TIFF 2014 | Gyeongju (Zhang Lu, South Korea) — City to City


By Michael Sicinski

The deeply antisocial protagonist of Gyeongju, Choi Hyeon (Park Hae-il), is a well-regarded poli-sci professor in Beijing, back in Korea for the funeral of an old colleague. Recalling a memorable time he, the deceased, and another scholar had in the title-city many years ago, Hyeon returns to wander around in a doomed effort to recapture a long-gone period from his past. After several bungled encounters, Hyeon makes a human connection almost by accident; Yun-hui (Shin Min-a), the very patient proprietess of a teahouse to which he keeps returning, gives him the requisite smiles and nods of a professional server, banalities Hyeon mistakes for encouragement. (He is looking for a dirty painting that used to be on the wall, prompting Yun-hui to text a girlfriend about the “pervert” who won’t leave her store.) A clueless tagalong, Hyeon follows Yun-hui out to a bar to meet her friends, one of whom is a local prof who knows Hyeon’s work well, and wants to talk shop. “How long do you think the North Korean regime can last?” he asks. “A century,” Hyeon blankly replies, to the older scholar’s horror.

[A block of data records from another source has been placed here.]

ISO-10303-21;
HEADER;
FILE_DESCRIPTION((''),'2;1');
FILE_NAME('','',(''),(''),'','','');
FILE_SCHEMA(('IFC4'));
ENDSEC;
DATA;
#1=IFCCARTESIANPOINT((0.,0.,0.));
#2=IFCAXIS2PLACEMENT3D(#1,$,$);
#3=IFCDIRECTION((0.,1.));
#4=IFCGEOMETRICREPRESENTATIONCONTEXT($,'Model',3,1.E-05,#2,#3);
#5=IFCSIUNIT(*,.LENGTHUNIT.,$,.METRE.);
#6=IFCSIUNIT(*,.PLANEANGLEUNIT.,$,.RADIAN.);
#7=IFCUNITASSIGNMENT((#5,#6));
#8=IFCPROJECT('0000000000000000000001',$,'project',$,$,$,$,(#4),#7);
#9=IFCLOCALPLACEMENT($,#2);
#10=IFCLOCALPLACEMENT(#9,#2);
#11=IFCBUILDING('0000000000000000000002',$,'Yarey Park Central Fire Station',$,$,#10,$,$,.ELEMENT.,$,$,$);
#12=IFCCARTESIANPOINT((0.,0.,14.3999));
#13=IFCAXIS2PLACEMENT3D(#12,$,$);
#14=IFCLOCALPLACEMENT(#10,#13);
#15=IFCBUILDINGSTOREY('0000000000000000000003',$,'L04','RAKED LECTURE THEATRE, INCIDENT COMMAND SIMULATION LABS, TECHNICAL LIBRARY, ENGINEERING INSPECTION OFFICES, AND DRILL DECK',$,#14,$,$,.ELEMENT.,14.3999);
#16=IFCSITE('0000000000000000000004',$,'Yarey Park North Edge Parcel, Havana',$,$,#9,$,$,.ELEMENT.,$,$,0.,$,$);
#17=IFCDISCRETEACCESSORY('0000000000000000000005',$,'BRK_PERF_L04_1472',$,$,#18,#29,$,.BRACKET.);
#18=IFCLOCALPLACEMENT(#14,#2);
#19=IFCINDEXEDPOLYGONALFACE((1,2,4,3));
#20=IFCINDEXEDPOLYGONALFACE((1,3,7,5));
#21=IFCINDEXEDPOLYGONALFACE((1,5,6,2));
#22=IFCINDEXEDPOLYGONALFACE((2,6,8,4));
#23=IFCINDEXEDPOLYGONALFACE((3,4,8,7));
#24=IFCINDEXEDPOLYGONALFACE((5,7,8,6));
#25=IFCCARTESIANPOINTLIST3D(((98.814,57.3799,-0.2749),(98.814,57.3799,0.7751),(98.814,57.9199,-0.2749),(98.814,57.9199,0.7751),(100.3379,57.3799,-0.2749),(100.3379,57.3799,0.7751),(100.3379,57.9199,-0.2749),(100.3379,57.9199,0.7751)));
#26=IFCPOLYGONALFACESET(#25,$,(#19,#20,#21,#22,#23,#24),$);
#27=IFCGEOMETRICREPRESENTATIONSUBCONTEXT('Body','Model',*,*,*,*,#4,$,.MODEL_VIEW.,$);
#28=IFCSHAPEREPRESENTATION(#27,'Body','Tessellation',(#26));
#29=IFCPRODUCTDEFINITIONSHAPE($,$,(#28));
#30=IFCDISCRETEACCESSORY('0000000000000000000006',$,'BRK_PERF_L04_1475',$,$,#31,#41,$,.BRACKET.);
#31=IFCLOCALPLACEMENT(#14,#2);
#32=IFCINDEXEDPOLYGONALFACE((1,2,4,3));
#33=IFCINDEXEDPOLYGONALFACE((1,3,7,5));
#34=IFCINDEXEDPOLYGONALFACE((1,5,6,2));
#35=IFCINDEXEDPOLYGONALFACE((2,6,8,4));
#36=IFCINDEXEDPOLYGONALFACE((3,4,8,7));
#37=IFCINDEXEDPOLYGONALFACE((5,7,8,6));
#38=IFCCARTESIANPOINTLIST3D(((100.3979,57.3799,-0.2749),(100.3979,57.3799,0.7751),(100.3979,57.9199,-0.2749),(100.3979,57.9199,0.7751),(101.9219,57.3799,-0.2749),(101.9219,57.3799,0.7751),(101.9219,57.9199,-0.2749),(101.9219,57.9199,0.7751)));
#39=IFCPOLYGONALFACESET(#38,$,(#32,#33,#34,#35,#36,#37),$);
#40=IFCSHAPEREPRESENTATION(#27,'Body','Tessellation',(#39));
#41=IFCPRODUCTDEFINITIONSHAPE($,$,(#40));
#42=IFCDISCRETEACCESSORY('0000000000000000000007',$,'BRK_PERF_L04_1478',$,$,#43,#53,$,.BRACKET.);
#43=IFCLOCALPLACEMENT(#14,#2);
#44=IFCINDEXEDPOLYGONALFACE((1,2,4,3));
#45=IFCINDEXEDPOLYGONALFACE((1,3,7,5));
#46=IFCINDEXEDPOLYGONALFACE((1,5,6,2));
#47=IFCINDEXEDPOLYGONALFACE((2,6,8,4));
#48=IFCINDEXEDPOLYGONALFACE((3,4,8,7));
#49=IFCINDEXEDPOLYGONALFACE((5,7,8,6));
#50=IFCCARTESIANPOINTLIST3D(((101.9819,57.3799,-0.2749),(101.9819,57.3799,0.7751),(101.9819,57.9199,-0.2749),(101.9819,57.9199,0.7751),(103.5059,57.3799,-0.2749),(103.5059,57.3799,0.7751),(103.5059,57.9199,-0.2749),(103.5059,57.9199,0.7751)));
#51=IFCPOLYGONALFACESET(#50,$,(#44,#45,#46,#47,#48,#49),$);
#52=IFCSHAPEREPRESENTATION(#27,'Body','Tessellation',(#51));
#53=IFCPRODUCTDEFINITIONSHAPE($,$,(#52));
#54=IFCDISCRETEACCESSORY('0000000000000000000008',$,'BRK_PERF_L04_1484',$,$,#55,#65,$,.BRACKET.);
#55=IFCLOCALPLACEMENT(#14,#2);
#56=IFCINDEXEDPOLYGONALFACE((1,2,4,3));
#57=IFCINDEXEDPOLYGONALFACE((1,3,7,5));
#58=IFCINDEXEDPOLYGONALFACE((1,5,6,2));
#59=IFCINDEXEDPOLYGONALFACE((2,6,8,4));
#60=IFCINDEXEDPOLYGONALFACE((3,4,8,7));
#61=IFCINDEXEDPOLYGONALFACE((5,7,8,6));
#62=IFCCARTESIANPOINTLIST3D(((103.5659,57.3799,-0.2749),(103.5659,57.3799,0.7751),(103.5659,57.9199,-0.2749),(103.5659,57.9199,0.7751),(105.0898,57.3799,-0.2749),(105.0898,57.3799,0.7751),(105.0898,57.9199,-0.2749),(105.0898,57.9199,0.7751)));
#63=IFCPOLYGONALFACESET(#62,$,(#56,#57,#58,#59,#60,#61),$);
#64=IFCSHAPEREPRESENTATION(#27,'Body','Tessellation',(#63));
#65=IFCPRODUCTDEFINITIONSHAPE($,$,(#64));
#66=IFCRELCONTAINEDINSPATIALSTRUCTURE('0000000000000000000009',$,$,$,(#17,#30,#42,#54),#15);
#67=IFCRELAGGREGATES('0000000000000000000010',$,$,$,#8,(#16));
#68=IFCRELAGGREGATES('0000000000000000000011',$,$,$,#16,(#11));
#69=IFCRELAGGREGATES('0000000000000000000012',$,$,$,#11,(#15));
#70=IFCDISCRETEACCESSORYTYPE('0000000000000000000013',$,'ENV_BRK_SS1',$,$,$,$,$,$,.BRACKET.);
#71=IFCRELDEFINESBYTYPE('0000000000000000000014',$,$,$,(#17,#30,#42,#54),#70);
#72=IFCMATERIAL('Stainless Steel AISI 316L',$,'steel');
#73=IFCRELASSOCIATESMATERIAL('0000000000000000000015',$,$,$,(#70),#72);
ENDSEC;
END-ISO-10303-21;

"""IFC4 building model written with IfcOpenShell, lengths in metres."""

from ifc_helpers import new_model, si_unit, direction, frame, origin, origin_2d, place, context, subcontext, project, spatial, rectangle, extrude, material, type_object, element, save


model = new_model("IFC4")

# Units and contexts
model_context = context("Model", 3, precision=1e-05, world=origin(), true_north=direction((0.0, 1.0)))
body_context = subcontext(model_context, "Body", "Model", "MODEL_VIEW")
ifc_project = project(units=[si_unit("LENGTHUNIT", "METRE"), si_unit("PLANEANGLEUNIT", "RADIAN")], contexts=[model_context])

# Site, building, storey
site_placement = place(None, origin())
site = spatial("IfcSite", under=ifc_project, at=site_placement, Name="Yarey Park North Edge Parcel, Havana", CompositionType="ELEMENT", RefElevation=0.0)
building_placement = place(site_placement, origin())
building = spatial("IfcBuilding", under=site, at=building_placement, Name="Yarey Park Central Fire Station", CompositionType="ELEMENT")
storey_placement = place(building_placement, frame((0.0, 0.0, 14.3999)))
storey = spatial("IfcBuildingStorey", under=building, at=storey_placement, Name="L04", Description="RAKED LECTURE THEATRE, INCIDENT COMMAND SIMULATION LABS, TECHNICAL LIBRARY, ENGINEERING INSPECTION OFFICES, AND DRILL DECK", CompositionType="ELEMENT", Elevation=14.3999)

# Discrete accessories
ifc_material_1 = material(Name="Stainless Steel AISI 316L", Category="steel")
discrete_accessory_type = type_object("IfcDiscreteAccessoryType", Name="ENV_BRK_SS1", PredefinedType="BRACKET", material=ifc_material_1)
for number, where, z_axis, x_axis, name in (
    (1, (99.5759, 57.6499, -0.2749), (0.0, 0.0, 1.0), (1.0, 0.0, 0.0), "BRK_PERF_L04_1472"),
    (2, (101.1599, 57.6499, -0.2749), (0.0, 0.0, 1.0), (1.0, 0.0, 0.0), "BRK_PERF_L04_1475"),
    (3, (102.7439, 57.6499, -0.2749), (0.0, 0.0, 1.0), (1.0, 0.0, 0.0), "BRK_PERF_L04_1478"),
    (4, (104.3279, 57.6499, -0.2749), (0.0, 0.0, 1.0), (1.0, 0.0, 0.0), "BRK_PERF_L04_1484"),
):
    element("IfcDiscreteAccessory", number, at=place(storey_placement, frame(where, z_axis=z_axis, x_axis=x_axis)), inside=storey, type_object=discrete_accessory_type, Name=name, PredefinedType="BRACKET", context=body_context, shape_type="SweptSolid", body=[
        extrude(rectangle(XDim=1.5239, YDim=0.54, at=origin_2d()), origin(), (0.0, 0.0, 1.0), 1.05),
    ])

save(model, "model.ifc")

When asked about reunification, Hyeon says he couldn’t care less, and that “my field is shit.”

Gyeongju is most definitely not shit, but it’s certainly just as awkward and insouciant as its protagonist. Zhang hasn’t really developed his halting, downcast style since his impressive sophomore effort Grain in Ear (2005). The structure and length of Gyeongju simply means that Zhang provides more of these static beats, with an unnerving concatenation that never speaks to any larger frame of reference. Hyeon has an unfortunate meet-up with an old lover, follows Yun-hui and a friend out onto giant green funeral mounds, has an imaginary encounter with his late friend’s widow … In terms of the blocking, pacing, and soju consumption, Gyeongju can’t help but seem like it’s working Hong’s side of the street. But in its occasionally maudlin touches and tinkly music cues, the film possesses a faint air of Hur Jin-ho’s middlebrow rigour. This is not a winning combination, and it’s difficult to understand how Gyeongju nabbed a competition slot in Locarno.